Ein kultureller Clash der Extraklasse!
Moslem Mahmut, der alles andere als nach den Regeln des heiligen Korans lebt und es mit dem Praktizieren seiner Religion auch nicht allzu ernst nimmt steht vor einem Scherbenhaufen:
Nicht dass es reichen würde, dass sein Sohn eine Frau heiraten will deren Schwiegervater ein von ihm und seinem Umfeld geächteter fundamentalistischer Prediger ist, nach dem Tod seiner Mutter findet er eine Adoptionsurkunde mit seinem Namen und ein wenig schnelle Recherche ergibt das unbegreifliche - Mahmut ist gebürtiger Jude.

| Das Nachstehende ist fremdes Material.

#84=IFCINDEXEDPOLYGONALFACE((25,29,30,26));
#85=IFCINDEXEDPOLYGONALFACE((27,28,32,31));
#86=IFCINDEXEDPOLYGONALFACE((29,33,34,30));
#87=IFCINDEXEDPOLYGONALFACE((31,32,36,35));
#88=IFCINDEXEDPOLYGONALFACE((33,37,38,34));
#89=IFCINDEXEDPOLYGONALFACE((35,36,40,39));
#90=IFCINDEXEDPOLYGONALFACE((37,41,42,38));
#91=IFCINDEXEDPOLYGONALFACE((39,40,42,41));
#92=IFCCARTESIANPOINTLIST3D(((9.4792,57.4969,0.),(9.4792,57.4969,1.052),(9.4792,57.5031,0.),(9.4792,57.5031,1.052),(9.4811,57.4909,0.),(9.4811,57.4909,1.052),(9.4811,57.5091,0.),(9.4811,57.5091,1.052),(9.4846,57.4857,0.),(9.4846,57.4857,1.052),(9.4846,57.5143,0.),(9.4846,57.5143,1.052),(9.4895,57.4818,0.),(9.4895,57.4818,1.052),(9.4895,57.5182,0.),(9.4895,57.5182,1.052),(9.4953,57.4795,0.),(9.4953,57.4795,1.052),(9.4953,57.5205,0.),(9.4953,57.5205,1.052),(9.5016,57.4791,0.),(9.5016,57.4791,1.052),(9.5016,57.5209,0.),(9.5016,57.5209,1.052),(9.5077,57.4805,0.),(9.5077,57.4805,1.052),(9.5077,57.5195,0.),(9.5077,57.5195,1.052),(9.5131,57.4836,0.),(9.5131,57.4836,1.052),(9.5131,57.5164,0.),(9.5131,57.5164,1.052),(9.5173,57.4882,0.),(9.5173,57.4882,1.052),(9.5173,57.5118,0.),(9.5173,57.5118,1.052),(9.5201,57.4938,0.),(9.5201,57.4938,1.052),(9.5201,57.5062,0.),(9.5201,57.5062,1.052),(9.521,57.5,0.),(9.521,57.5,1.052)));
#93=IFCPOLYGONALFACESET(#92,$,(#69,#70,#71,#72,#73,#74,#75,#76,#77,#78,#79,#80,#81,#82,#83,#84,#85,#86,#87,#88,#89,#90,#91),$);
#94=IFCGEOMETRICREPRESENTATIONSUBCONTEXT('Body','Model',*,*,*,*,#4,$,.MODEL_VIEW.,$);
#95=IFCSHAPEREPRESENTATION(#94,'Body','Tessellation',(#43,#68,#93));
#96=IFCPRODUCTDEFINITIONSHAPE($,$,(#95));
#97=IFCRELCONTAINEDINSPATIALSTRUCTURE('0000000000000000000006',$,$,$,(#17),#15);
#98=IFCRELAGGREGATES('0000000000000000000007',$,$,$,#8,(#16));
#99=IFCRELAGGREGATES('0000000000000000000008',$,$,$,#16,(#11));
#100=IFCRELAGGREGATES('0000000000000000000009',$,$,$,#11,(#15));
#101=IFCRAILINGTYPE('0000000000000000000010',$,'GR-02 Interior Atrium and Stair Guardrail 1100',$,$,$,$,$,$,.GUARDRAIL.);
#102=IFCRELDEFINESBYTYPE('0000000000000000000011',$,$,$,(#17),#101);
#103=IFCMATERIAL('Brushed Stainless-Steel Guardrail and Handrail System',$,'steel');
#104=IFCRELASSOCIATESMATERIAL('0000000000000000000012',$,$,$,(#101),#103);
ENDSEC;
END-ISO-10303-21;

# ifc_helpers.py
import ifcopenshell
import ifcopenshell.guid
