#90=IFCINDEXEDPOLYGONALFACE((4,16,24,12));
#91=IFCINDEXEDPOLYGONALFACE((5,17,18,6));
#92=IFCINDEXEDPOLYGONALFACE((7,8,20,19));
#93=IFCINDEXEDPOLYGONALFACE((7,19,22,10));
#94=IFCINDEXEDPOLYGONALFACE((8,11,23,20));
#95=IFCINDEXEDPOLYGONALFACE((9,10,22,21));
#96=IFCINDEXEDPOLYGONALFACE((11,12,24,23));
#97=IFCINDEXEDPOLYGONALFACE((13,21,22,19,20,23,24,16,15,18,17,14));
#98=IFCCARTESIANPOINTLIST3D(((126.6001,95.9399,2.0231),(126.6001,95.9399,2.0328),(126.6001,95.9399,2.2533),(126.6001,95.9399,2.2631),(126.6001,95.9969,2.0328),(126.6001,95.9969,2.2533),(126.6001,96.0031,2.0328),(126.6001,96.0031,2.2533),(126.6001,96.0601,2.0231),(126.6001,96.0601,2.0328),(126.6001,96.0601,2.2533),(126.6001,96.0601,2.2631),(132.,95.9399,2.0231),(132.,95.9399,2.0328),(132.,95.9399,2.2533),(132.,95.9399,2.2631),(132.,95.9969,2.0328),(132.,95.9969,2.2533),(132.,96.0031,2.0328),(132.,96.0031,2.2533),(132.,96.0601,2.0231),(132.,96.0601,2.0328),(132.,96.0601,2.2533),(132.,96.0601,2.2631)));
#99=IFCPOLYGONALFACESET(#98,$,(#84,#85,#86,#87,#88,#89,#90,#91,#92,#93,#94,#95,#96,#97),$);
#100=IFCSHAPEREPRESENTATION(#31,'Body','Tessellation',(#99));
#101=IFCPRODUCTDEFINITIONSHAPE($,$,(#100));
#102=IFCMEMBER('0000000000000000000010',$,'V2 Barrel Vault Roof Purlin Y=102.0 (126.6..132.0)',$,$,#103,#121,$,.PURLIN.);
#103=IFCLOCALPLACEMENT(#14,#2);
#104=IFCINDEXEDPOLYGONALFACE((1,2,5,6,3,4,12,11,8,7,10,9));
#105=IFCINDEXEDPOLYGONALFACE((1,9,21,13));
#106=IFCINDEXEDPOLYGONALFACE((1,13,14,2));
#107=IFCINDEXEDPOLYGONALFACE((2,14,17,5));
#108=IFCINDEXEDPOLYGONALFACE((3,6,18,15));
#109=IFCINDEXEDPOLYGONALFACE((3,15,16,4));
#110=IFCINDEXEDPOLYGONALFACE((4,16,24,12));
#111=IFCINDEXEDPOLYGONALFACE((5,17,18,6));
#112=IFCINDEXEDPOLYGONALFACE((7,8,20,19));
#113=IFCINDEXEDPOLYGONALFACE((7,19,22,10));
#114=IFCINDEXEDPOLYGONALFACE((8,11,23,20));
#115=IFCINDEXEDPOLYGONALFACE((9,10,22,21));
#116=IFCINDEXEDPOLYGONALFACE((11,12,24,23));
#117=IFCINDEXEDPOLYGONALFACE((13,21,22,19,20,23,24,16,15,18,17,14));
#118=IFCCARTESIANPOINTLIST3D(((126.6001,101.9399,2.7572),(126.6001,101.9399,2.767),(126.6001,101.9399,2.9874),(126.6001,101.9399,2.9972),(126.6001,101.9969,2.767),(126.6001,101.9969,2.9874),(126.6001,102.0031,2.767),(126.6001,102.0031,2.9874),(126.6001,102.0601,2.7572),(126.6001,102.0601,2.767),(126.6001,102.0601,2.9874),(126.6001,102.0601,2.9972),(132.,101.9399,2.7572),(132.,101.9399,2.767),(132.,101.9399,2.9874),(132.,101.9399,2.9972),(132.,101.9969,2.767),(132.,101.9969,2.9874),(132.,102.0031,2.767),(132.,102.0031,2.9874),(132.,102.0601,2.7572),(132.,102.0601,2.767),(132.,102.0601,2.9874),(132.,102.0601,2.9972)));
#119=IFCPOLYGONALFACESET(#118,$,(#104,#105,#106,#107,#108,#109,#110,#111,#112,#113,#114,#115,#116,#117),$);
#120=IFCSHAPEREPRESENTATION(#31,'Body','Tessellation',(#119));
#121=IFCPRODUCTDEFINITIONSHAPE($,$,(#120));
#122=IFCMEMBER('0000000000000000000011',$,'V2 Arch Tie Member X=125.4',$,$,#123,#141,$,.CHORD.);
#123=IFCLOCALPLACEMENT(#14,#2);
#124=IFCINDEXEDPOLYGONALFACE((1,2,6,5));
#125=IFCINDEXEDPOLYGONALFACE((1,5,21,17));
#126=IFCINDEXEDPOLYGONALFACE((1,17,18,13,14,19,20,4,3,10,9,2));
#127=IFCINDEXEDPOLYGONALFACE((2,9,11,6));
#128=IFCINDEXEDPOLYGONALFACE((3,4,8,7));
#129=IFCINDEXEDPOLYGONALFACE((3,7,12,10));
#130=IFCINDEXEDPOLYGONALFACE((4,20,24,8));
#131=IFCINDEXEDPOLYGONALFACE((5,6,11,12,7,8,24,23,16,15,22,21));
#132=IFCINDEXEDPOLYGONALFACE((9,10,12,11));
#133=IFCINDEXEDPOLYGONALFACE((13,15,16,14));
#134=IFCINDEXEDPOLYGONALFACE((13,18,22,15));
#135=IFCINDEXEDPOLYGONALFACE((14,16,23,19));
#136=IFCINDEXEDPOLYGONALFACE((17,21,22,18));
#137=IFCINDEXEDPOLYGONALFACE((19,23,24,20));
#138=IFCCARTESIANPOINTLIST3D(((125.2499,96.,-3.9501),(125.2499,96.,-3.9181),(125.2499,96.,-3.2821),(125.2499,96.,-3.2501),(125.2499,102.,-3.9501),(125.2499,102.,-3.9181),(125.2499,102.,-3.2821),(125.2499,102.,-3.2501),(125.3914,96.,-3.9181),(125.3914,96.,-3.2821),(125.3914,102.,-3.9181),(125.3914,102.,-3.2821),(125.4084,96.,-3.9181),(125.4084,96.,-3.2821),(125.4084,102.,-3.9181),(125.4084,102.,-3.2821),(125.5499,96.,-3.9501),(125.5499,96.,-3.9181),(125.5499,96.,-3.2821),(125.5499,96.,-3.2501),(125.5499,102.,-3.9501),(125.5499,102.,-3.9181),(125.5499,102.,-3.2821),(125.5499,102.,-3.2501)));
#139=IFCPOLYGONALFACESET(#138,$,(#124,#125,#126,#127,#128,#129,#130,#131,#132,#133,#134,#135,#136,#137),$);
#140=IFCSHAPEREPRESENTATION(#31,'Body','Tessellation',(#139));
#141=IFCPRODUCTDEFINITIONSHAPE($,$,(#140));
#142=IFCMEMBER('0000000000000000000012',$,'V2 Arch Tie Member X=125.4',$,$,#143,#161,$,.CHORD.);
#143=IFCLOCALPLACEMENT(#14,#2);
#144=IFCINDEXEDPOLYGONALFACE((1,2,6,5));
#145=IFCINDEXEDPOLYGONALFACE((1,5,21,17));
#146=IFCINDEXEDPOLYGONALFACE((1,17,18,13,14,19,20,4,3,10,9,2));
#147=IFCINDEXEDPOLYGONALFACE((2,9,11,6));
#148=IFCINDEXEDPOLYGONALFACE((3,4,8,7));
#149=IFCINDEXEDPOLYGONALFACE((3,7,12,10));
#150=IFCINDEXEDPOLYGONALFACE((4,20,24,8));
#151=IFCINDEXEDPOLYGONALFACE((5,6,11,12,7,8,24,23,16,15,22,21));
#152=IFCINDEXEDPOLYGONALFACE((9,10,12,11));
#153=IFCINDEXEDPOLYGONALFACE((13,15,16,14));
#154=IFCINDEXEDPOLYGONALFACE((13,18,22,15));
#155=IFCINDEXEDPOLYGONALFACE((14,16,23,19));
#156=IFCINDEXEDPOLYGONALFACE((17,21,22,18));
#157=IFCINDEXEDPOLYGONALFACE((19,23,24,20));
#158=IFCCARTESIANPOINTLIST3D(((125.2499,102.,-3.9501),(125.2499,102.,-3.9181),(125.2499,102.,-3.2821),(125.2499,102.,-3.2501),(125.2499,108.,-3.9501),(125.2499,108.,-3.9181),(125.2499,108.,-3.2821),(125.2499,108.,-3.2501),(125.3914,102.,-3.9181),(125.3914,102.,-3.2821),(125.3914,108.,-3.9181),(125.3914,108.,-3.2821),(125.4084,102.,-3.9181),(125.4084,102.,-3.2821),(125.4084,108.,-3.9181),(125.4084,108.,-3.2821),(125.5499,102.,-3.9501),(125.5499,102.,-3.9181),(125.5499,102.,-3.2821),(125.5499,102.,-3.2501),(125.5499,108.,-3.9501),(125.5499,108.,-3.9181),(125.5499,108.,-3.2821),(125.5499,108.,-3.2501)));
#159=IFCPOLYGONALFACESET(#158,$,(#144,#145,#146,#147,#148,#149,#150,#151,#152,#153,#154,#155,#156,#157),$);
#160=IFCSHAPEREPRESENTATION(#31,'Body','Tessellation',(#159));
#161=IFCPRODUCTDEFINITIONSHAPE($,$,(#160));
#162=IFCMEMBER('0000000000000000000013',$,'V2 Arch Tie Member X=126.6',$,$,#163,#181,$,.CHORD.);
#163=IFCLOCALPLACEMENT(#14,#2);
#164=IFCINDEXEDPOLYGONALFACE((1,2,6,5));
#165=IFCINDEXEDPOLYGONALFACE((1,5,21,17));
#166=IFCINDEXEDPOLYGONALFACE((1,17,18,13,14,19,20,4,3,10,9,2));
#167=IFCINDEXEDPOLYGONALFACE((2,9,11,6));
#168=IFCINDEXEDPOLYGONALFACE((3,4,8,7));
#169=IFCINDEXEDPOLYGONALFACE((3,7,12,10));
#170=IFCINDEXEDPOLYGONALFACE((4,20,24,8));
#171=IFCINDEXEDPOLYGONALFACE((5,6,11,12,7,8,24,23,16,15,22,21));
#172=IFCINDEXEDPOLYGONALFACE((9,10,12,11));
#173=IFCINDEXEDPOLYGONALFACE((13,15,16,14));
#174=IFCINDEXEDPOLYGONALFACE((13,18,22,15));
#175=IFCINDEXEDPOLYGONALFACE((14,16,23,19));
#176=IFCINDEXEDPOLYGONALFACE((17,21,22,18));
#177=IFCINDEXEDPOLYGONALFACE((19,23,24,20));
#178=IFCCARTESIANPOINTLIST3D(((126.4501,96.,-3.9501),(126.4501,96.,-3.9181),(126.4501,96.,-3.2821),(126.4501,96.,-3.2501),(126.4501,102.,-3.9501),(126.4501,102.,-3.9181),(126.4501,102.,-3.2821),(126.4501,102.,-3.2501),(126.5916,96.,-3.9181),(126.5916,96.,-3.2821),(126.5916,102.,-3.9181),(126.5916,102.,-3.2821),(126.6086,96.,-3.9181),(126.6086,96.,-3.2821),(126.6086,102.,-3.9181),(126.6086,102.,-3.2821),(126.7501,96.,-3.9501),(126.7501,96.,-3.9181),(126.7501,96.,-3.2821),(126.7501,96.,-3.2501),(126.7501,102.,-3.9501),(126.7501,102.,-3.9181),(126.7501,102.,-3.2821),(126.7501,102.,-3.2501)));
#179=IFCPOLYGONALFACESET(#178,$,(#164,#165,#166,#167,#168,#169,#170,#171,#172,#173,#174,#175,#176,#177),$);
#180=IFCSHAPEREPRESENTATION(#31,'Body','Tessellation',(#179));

Wie geht man, selber mit Vorurteilen groß geworden, die im eigenen Kopf und im Umfeld zutiefst verankert sind, damit um? Zunächst mal geheim halten und daraus entsteht im Folgenden eine Menge Zündstoff!

"Alles Koscher" porträtiert bewusst überzogen, teilweise urkomisch, die abstruse Suche Mahmut bzw. Solli's nach seinen Wurzeln, seiner Religion und zuletzt auch nach sich selbst, überzeichnet die gängigen Klischees maßlos - und das ganz bewusst - um im Resultat aufzuzeigen wie falsch und sinnlos sie und sämtliche Vorurteile eigentlich sind. Wenn Solli / Mahmut unter seiner muslimischen Gebetskappe die jüdische Kippa trägt, um je nach Bedarf und Umfeld wechseln zu können, spätestens aber als er zwischen den aufgeschaukelt, gröhlenden Mobs steht - links Moslems, rechts Juden - und je nachdem was er gerade darstellt von der einen oder der anderen Seite ausgebuht wird, ist klar: Ein Mensch ist und bleibt der Mensch der er ist, da ändert auch keine Religion, keine Kopfbedeckung und nicht die Sprache des Gebetes etwas. Und dafür soll und muss man einen Mensch achten, schätzen (oder je nach Person auch verabscheuen): Primär für seinen Charakter, nicht seine Religion!

Diese Kernaussage will der Film vermitteln und schafft das, trotz etwas zäher Passagen und einem sehr formel- und hollywoodhaften Schlussplädoyer ziemlich gut und vor allem mörderisch witzig.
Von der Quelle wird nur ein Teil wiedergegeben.